When I compare that to our current internet the first thought is "but that won't scale to the whole planet". But the thing is, it doesn't need to. All of the problems I need computers to solve are local problems anyway.
Arguably, trying to scale everything to the whole planet is the root cause of most of these problems. So "that won't scale to the whole planet" might, in the long view, be a feature and not a bug.
Right. If your use case for the internet is exerting influence over people who don't trust you, then it's past time that we shut you down anyhow.
For everyone else, this transition will not be a big deal (although your friends may ask you to occasionally spend a few cycles maintaining your part of a web of trust, because your bad decisions might affect them more than they currently do).
Web Attestation, cryptography to the rescue.
How? Watermark everything with a hash?
Feed bad data to heavy users. Instead of blocking, use poison.
Presumes you can distinguish the heavy users. If you knew who the heavy users were, you could just block them.
isn't the answer just rate limiting unauthenticated requests to a level that's reasonable/expected for a human?
An optimistic outcome would be that public content becomes fully peer-to-peer.
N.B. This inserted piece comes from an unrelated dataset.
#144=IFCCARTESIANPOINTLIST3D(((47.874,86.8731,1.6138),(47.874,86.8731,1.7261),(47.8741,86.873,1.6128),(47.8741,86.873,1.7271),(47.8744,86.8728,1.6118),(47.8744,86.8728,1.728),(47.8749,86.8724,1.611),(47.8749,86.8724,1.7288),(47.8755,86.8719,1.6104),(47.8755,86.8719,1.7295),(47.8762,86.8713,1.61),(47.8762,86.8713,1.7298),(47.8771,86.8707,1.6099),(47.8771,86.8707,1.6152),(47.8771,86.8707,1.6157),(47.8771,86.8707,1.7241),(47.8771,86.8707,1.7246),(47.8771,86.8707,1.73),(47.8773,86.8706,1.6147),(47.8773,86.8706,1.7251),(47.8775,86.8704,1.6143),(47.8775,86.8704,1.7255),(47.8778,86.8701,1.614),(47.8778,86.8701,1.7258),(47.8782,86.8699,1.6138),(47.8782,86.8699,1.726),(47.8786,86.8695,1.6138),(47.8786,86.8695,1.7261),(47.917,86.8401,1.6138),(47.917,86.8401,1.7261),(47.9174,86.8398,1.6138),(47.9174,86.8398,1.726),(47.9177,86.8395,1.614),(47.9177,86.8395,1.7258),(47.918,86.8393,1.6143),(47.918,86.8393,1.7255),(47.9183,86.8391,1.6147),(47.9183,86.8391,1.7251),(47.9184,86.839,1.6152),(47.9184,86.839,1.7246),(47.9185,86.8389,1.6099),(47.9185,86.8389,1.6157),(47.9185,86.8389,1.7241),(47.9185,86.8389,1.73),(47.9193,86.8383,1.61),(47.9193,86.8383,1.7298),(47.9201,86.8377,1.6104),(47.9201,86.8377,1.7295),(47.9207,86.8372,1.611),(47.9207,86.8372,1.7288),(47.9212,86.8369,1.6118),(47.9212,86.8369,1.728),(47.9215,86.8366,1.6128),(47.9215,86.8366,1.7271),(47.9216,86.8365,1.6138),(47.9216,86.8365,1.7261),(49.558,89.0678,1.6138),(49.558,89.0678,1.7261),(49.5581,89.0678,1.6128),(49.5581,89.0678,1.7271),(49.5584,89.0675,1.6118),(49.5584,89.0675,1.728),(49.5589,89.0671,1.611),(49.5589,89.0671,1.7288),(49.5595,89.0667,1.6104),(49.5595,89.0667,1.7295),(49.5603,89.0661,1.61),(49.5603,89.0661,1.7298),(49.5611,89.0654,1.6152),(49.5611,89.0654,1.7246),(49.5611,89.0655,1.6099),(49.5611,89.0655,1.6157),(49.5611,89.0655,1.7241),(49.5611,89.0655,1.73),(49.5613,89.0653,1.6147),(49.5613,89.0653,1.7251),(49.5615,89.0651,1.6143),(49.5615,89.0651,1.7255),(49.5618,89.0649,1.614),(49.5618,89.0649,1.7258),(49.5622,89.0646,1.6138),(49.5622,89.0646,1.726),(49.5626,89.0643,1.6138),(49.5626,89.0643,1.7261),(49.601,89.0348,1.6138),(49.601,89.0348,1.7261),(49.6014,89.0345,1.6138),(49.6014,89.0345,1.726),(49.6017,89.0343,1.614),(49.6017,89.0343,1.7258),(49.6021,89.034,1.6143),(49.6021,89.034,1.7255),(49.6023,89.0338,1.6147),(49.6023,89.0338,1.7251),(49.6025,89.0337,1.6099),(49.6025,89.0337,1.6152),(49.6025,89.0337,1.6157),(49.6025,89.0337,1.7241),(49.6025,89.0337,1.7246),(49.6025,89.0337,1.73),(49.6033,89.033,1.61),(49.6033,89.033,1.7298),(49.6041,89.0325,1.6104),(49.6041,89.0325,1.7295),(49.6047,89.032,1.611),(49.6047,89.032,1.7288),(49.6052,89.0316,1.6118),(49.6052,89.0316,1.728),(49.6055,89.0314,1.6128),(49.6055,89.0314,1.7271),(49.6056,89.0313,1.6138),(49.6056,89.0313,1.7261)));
If you want to download an article, you must seed at least the same amount of bandwidth to serve another copy. You still have to deal with leechers, I guess.
We've had good success with
- Cloudflare Turnstile
- Rate Limiting (be careful here, as some of these scrapers use large numbers of IP addresses and User Agents)
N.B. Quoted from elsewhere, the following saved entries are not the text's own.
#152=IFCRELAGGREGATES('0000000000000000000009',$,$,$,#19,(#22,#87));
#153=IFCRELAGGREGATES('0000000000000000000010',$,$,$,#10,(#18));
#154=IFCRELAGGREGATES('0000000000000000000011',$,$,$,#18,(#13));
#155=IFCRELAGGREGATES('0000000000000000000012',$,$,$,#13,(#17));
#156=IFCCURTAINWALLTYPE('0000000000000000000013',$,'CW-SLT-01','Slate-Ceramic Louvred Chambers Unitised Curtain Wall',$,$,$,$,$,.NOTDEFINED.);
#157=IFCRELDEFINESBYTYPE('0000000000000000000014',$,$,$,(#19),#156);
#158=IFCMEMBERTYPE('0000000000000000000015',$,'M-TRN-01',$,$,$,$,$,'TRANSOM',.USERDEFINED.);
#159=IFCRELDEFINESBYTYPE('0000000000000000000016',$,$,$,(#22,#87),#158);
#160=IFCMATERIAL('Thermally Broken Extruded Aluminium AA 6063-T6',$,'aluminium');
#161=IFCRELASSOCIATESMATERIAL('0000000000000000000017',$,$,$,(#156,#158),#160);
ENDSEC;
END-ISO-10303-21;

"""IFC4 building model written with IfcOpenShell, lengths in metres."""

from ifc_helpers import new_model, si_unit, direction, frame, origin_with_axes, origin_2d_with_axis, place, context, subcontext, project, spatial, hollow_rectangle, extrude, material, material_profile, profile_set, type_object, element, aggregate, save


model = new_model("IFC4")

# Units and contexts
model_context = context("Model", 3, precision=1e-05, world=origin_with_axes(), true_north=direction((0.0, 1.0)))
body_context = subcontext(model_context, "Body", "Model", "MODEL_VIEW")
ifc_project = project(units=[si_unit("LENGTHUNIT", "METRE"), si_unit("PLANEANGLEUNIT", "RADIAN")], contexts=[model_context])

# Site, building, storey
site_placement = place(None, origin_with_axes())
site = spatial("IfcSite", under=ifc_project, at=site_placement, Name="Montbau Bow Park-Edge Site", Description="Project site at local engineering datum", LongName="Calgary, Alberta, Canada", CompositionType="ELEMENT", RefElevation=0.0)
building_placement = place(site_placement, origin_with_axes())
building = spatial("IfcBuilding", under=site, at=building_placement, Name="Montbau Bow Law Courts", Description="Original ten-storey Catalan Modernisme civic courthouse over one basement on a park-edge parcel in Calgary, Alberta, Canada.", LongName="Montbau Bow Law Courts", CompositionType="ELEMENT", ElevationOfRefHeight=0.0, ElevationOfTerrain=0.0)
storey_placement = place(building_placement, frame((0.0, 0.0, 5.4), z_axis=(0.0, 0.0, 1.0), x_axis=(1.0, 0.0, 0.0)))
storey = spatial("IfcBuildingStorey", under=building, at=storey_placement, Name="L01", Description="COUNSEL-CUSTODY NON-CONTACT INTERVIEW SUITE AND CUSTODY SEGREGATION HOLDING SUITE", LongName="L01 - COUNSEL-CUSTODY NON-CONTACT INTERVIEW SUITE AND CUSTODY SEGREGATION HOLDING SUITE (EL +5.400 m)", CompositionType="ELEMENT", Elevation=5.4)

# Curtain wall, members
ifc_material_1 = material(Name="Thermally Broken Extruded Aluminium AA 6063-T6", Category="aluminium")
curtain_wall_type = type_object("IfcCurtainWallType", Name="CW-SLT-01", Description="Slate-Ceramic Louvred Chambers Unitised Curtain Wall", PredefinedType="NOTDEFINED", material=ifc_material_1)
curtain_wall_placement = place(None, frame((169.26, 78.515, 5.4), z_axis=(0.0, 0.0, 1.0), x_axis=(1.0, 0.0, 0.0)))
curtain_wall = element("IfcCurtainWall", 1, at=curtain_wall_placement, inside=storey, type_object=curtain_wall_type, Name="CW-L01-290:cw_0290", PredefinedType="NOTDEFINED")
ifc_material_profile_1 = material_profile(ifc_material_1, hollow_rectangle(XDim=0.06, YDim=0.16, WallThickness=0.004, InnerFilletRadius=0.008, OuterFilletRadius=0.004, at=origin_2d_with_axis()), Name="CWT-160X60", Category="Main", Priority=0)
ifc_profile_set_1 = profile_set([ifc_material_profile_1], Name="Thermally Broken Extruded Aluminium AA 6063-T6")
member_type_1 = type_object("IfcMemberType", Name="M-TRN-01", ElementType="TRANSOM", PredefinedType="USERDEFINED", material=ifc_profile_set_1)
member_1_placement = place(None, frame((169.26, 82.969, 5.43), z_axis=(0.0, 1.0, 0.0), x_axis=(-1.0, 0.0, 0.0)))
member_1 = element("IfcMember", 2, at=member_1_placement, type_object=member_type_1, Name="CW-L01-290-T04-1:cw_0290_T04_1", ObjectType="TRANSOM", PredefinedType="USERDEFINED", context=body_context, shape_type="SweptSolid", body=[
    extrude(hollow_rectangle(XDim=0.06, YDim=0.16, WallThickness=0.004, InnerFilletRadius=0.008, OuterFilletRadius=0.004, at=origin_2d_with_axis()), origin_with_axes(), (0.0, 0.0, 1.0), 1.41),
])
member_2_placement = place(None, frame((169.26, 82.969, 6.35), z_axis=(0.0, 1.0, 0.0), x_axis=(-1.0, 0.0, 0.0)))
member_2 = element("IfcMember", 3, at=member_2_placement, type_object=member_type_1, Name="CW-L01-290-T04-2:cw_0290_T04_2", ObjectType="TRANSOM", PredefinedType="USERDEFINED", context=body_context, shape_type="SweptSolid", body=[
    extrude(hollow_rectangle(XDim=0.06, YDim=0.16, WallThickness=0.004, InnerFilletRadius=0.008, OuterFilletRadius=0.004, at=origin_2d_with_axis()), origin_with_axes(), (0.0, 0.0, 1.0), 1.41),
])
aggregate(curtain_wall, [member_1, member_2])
lower max upload speed for certain IPs to 5kb/s
How long before companies start putting AI restrictions on new account creation simply because of the sheer amount of noise and storage issues associated with bot spam?
API-based interactions w/ Authentication.
Websites previously would have their own in-house API to freely deliver content to anyone who requests it.
Now, a website should be a simple interface for a user that communicates with an external API and display it. It's the user's responsibility to have access to the API.
Any information worth taking should be locked away by Authentication - which has become stupid simple using oAuth w/ major providers.
So these people trying to extract content by paying someone or using a paid service should rather use the API which packages it for them and is fairly priced.
Lastly, robots.txt should be enforced by law. There is no difference from stealing something from a store, and stealing content from a website.
AI (and greed) has killed the open freedoms of the Internet.